I would say that reimagining health care, for me, is in is recruiting a pipeline of health care providers who look like the communities that they serve, particularly in the areas where they serve. Not to say that we don't have medical providers of color in Alabama, because we do, but they're far few and between and no one can really dictate what my lived experience is if they've not lived it.

So, I think having the ability to walk into a pharmacy office just to go into account, mental health therapist office, going into a medical establishment and seeing myself more routinely more regularly represented physically and on the walls would make a difference in how people are accessing here in the future.

Skylar Kenney: As a long-term survivor of HIV, what would you like our audience of pharmacists to understand about your experience living with HIV and pharmacists’ ability to support you and other patients like you?

Warren O: I think normalizing us picking up drugs at the pharmacy like any other patient that comes in to get any other drug is something that's important.
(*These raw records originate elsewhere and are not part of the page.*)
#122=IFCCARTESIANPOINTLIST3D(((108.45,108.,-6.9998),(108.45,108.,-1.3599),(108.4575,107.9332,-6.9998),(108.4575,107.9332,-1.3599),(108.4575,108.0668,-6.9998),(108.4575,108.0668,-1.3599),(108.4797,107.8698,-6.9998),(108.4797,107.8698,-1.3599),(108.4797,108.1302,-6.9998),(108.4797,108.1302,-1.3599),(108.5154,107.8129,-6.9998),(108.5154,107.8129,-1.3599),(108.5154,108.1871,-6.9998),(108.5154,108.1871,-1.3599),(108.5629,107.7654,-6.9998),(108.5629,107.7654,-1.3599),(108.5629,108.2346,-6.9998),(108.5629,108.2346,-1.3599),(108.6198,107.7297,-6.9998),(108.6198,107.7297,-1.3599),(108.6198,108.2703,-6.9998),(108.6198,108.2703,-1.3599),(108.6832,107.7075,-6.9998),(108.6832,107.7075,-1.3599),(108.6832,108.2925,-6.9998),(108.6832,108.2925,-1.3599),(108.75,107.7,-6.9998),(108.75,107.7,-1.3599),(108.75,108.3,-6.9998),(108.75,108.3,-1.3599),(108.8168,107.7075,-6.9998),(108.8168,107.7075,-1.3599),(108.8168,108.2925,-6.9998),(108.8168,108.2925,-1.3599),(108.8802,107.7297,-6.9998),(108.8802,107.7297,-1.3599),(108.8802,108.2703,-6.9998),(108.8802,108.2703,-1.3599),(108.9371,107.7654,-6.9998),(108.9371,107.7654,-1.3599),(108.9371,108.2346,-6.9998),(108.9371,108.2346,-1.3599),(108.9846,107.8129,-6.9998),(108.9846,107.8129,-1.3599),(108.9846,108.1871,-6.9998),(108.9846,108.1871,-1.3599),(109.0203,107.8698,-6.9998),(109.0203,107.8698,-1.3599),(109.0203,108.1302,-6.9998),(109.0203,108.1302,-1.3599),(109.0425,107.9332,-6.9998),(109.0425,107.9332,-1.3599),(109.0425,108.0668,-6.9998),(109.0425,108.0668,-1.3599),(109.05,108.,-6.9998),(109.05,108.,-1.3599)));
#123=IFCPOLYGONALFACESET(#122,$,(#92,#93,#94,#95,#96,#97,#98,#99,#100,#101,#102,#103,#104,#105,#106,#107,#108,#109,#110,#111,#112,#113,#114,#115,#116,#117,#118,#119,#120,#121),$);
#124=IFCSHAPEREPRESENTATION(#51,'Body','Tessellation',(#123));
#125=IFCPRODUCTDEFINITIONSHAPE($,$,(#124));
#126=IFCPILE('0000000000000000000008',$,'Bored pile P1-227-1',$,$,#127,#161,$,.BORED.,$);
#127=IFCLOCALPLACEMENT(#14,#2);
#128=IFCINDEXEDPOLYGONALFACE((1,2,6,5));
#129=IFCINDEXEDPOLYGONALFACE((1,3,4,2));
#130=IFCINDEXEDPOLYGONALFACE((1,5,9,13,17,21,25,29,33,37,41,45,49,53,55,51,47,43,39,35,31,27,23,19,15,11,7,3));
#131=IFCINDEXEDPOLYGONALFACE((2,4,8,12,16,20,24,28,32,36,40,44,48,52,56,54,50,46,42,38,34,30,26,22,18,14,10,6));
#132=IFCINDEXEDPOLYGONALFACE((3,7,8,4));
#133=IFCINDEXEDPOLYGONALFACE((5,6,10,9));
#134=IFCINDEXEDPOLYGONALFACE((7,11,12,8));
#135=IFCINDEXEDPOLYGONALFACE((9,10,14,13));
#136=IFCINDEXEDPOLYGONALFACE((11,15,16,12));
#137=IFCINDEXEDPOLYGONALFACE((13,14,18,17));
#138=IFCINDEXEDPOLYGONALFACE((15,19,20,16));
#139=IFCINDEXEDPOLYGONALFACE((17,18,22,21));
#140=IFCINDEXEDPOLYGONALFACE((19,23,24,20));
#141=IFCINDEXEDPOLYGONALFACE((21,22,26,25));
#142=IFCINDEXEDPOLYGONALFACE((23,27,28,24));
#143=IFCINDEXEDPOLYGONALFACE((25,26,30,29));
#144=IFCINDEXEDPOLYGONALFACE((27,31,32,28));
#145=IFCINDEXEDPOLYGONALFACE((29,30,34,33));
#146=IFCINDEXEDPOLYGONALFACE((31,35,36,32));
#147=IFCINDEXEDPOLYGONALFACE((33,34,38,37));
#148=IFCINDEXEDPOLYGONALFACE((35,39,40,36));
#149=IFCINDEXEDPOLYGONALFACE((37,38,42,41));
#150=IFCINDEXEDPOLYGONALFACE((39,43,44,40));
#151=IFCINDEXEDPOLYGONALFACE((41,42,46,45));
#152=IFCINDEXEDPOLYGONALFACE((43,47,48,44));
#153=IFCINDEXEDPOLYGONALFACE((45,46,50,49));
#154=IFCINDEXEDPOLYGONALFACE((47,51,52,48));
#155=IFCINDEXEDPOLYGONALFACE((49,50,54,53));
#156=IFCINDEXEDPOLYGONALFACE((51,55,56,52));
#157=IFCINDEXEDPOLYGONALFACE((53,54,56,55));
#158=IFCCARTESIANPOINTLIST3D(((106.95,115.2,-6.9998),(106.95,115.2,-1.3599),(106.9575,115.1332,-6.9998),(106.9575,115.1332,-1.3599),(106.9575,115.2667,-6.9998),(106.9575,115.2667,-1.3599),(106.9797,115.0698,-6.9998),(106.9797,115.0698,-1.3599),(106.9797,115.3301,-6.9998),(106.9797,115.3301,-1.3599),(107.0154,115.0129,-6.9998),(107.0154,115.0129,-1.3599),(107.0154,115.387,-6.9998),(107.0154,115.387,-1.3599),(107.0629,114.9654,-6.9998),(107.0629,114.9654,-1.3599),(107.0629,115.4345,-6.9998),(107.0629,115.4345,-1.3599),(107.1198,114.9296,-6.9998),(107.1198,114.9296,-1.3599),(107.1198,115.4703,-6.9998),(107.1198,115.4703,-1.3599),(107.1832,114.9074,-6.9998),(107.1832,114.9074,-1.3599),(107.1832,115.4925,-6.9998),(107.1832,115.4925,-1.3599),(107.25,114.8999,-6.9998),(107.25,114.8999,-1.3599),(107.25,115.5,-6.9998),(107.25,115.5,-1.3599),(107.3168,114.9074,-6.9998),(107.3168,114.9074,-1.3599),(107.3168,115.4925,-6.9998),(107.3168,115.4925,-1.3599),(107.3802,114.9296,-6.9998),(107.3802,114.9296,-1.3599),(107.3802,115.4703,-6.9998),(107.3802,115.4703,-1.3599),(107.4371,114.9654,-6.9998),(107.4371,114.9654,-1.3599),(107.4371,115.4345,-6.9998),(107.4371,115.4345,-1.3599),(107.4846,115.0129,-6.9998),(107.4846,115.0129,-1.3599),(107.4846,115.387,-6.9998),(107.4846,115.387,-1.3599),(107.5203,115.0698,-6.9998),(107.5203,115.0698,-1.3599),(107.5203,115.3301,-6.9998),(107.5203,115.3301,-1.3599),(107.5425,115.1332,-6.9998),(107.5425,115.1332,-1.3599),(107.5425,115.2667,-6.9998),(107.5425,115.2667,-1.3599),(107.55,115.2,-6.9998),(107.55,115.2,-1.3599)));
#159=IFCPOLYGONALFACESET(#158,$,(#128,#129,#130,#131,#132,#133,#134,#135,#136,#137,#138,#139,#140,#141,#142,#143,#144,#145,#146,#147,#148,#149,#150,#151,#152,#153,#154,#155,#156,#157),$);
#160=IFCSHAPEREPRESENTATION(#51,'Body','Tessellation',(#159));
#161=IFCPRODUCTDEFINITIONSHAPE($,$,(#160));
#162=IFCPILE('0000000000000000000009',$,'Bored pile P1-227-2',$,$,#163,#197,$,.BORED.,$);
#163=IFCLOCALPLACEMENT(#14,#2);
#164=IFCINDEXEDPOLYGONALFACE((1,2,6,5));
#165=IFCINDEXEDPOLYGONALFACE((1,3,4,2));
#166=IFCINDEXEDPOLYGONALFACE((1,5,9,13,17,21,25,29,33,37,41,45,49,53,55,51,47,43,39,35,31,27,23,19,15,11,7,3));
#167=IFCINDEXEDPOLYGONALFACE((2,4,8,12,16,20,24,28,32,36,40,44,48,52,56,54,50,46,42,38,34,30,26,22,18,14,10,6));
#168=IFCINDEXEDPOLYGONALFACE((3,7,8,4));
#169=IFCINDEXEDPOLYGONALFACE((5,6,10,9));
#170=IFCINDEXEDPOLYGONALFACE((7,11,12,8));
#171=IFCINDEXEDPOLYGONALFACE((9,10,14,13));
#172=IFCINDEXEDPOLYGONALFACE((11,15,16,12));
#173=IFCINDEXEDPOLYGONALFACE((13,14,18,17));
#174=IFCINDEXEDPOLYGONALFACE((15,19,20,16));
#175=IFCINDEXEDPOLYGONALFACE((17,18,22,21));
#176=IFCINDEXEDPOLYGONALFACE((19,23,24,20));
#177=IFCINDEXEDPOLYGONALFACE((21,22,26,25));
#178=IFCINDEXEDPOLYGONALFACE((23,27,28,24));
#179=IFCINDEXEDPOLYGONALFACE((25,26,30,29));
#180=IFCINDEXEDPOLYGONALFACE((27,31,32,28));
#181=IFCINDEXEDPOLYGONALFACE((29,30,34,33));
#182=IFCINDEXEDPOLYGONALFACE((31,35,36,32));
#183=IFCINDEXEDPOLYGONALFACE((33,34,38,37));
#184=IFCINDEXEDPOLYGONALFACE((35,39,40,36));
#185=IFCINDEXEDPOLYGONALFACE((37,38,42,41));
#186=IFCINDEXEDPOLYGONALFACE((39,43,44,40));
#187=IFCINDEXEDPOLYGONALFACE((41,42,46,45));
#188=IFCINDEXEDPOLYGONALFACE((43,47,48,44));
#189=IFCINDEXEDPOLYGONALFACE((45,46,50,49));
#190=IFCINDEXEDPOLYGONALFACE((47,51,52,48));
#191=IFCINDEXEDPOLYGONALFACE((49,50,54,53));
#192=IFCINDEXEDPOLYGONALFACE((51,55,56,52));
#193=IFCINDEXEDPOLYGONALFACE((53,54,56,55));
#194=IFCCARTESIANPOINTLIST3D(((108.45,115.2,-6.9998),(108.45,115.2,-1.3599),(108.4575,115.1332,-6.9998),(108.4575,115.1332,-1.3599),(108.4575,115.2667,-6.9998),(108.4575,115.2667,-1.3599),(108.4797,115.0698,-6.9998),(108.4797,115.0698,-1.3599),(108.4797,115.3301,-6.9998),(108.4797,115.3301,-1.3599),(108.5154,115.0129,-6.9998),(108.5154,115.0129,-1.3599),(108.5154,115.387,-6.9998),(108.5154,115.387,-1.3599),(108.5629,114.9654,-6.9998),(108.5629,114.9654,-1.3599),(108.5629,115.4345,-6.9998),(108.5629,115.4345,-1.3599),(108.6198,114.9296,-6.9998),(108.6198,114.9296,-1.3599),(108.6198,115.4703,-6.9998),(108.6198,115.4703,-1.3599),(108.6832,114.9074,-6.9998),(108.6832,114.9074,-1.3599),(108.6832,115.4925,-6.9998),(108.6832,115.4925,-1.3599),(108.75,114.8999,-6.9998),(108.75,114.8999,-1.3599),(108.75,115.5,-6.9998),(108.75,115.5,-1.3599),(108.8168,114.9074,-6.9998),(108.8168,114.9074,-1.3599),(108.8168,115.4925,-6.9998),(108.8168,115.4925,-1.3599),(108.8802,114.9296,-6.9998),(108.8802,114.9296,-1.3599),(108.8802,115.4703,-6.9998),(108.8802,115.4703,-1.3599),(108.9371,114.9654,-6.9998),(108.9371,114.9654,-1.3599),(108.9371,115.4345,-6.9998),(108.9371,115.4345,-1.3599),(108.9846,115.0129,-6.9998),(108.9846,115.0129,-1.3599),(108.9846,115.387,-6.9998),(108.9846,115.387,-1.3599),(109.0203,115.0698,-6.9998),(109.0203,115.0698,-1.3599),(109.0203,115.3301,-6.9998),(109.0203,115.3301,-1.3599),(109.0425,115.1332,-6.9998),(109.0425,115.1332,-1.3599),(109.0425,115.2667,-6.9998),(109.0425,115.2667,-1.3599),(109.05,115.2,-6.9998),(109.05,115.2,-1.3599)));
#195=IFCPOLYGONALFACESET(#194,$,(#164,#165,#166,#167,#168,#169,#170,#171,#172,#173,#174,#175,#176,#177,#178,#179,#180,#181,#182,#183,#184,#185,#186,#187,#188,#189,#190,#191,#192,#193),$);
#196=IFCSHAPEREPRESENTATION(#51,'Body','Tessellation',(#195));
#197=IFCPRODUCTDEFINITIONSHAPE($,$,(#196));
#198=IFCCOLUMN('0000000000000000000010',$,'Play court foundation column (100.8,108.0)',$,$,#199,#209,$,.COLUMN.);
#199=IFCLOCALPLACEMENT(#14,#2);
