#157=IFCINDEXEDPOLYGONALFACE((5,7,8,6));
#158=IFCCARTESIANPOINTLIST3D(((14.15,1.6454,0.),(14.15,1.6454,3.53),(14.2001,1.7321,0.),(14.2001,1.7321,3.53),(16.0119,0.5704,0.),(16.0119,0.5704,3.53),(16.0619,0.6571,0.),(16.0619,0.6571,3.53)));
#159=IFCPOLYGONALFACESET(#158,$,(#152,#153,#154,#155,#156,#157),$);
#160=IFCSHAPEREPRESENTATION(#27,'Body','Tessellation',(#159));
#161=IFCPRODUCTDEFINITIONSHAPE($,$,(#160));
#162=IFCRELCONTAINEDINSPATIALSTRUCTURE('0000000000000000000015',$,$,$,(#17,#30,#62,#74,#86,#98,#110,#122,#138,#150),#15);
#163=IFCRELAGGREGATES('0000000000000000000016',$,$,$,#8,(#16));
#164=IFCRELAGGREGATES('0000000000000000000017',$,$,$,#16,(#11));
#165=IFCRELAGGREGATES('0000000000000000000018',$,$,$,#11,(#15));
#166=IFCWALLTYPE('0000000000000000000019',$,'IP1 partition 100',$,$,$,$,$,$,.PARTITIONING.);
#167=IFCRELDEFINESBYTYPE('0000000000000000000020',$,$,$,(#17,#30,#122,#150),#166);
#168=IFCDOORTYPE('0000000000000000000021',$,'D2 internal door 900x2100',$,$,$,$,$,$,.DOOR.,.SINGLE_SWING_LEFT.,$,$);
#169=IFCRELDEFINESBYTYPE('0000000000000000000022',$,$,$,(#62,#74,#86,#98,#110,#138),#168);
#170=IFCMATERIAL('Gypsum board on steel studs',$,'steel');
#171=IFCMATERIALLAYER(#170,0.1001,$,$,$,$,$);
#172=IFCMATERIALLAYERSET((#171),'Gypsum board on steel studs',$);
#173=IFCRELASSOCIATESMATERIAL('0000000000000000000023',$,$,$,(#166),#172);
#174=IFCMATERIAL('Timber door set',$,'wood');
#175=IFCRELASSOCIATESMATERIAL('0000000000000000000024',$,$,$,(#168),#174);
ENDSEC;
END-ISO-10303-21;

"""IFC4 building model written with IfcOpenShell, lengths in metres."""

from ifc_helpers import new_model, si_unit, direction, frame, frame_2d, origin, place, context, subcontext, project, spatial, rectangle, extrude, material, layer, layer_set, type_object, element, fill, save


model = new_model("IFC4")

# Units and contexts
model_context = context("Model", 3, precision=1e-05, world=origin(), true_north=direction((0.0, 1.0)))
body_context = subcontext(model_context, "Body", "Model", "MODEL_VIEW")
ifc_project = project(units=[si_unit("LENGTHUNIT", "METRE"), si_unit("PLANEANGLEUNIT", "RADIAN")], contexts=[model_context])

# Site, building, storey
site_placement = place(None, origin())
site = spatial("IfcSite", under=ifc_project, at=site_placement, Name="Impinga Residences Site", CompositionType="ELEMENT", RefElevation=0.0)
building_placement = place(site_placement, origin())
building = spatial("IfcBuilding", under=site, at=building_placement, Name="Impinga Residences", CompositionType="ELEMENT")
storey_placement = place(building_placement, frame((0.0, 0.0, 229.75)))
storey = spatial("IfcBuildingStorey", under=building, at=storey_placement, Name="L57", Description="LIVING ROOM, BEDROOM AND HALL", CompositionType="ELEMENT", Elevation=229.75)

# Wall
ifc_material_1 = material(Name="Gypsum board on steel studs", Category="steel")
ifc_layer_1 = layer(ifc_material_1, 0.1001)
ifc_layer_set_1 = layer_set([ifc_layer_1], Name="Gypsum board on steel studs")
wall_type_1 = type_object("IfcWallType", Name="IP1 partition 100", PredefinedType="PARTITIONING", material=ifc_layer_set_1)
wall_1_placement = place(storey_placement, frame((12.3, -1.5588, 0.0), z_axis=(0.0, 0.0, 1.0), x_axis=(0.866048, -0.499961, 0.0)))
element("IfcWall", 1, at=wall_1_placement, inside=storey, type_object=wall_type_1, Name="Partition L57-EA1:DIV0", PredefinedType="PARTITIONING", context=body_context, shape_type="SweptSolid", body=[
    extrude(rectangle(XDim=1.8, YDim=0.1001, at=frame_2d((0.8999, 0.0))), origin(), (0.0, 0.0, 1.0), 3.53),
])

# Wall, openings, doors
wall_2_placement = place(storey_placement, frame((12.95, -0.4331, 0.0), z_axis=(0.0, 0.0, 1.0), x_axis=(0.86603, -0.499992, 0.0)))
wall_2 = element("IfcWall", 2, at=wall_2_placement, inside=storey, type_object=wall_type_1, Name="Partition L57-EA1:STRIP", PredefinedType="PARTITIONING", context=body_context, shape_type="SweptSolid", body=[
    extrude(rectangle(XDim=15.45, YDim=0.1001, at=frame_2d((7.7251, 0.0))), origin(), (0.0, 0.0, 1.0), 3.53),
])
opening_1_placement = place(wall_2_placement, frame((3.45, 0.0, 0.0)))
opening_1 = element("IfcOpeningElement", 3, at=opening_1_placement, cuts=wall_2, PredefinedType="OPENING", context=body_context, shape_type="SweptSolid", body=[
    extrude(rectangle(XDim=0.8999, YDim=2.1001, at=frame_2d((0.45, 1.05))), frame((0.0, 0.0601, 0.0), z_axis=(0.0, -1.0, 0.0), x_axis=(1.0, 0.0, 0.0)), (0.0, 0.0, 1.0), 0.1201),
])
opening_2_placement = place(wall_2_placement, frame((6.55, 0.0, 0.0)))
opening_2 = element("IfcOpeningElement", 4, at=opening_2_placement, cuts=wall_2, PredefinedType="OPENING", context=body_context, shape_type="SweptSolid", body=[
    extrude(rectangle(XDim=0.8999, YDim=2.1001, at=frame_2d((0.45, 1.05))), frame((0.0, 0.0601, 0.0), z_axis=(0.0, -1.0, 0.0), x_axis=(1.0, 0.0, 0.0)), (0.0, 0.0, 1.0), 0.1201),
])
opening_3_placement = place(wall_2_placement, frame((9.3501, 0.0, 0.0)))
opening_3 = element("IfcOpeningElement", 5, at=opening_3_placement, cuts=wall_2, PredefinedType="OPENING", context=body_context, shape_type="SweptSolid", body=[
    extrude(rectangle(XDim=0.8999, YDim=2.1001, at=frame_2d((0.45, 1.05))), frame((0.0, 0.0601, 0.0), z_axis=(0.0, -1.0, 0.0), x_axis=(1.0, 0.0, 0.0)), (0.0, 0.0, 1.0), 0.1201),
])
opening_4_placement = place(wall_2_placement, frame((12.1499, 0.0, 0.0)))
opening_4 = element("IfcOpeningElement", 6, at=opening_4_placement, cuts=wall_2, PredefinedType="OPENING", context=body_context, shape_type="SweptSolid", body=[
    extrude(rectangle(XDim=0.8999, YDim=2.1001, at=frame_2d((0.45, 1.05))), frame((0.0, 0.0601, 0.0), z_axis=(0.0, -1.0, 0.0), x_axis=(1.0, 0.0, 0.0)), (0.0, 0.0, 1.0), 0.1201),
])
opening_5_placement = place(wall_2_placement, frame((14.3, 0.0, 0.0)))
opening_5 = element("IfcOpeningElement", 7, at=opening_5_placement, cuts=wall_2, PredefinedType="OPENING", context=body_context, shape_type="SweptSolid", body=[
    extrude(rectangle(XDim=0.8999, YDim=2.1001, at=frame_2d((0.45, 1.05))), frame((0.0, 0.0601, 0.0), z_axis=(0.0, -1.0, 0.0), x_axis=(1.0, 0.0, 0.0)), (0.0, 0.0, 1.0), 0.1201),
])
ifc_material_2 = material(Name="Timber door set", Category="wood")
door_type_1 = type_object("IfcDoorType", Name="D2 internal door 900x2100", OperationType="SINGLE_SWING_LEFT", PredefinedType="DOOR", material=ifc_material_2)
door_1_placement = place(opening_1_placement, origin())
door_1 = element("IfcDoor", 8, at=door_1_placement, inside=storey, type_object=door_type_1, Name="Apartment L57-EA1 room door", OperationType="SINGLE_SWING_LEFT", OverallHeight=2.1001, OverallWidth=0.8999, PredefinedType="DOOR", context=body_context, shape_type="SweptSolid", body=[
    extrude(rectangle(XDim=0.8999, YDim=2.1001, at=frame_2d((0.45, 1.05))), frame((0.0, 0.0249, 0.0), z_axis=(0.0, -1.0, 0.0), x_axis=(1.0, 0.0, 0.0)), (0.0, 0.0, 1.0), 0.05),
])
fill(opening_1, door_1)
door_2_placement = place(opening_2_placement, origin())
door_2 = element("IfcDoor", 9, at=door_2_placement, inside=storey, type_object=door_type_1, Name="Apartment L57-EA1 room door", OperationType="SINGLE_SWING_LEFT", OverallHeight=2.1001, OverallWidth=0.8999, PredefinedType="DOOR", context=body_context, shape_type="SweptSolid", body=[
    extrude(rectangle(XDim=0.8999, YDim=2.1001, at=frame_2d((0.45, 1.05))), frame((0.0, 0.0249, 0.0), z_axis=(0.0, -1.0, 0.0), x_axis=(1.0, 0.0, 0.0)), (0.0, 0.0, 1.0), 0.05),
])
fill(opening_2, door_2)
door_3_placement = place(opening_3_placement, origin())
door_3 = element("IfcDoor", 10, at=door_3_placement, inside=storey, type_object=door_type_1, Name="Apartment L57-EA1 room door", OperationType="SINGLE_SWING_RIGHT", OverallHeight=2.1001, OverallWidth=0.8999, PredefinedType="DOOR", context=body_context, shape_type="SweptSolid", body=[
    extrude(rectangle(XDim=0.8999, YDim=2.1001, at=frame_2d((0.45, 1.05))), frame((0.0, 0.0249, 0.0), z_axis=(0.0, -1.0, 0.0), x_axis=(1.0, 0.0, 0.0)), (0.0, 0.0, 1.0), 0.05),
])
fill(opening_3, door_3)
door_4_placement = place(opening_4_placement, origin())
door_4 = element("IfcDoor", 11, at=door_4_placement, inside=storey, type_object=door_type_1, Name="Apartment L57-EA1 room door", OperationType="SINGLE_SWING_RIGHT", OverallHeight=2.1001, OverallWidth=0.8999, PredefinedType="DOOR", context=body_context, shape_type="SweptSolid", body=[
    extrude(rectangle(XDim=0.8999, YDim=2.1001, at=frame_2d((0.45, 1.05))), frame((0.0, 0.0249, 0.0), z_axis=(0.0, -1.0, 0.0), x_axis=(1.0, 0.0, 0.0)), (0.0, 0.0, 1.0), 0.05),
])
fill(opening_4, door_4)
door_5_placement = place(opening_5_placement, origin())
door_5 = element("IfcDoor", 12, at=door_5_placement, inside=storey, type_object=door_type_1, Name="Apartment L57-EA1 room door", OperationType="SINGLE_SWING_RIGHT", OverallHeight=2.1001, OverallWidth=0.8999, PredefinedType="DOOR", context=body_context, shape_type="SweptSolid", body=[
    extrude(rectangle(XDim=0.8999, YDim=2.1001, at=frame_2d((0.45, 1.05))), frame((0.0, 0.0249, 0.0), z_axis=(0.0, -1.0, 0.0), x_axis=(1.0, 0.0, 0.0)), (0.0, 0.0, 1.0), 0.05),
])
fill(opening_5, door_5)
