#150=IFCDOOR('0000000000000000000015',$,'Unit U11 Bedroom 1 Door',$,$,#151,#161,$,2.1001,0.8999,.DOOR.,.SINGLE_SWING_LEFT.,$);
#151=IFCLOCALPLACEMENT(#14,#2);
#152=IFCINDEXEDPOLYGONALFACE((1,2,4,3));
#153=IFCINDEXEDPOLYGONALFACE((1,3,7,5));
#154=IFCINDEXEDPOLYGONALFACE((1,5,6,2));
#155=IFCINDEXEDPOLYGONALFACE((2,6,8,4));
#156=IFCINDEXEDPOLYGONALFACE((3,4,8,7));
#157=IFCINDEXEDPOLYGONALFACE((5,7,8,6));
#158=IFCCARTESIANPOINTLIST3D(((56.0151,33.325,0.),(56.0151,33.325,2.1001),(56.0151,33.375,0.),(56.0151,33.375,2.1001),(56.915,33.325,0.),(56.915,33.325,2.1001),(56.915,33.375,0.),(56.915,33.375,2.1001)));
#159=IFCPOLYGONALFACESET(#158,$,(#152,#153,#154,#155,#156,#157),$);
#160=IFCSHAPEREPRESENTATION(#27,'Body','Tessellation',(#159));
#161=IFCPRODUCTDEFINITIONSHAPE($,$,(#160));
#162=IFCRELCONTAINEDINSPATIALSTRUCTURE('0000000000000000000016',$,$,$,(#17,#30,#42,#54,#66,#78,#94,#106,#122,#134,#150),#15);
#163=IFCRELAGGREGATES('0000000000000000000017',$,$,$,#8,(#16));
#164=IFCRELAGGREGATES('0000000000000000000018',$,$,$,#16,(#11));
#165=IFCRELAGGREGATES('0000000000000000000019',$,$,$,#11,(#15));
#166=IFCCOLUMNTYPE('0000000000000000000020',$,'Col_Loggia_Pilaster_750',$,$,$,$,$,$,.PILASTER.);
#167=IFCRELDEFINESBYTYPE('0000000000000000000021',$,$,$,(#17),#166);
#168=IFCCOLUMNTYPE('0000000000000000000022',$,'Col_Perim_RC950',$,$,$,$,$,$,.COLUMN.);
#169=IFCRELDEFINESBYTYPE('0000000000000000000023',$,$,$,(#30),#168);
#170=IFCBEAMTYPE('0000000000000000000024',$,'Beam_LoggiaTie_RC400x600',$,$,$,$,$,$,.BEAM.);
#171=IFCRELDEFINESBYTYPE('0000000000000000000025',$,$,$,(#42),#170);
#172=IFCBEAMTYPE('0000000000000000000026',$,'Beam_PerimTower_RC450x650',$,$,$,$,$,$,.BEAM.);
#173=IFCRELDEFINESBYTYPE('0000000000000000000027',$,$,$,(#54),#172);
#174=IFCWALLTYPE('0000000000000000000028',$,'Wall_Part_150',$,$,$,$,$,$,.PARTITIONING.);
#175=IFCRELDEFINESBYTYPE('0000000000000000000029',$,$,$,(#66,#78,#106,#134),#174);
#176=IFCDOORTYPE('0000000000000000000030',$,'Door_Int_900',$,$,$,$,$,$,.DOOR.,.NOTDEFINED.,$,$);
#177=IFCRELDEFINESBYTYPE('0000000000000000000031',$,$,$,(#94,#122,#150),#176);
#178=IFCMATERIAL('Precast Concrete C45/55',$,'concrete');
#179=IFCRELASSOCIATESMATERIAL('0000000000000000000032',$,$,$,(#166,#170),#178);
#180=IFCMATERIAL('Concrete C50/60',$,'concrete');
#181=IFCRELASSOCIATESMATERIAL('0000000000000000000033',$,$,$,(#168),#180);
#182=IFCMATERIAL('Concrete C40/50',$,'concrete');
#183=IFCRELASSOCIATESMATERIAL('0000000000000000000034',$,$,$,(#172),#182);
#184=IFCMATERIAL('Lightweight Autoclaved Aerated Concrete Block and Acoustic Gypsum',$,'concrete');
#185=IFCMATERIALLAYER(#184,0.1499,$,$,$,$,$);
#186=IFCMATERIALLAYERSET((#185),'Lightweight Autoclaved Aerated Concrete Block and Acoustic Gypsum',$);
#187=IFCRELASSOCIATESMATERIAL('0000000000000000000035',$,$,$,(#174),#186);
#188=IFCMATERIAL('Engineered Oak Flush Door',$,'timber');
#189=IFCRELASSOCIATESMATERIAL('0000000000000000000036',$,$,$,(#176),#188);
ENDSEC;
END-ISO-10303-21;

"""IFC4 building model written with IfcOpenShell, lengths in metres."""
The whispers that I've experienced from pharmacists for consultation around new medication and how medications should be taken doesn't normalize that experience for us.

Equally, pharmacists not necessarily having conversations in open spaces about our treatment because it then raises questions for people who've not ever heard the names of the drugs before. So, I think one of the things I would say is being able to have consultations in spaces that are closed for HIPAA reasons is important, but also having relationships with our pharmacist as a client living with HIV who takes the treatment making it a friendly relationship and not one medicine to client relationship is important as well.

Skylar Kenney: Warren, thank you so much for taking the time to speak with me today.

Warren O: Thank you for having me, and I'm excited about the opportunity to be able to share with your audience my perspective, my lived experience, and my hope, because we know that for every opportunity that we get to share this message, we're making a difference for tomorrow's world today.

So, Skylar, I appreciate you and Pharmacy Times for having me to be able to share my story.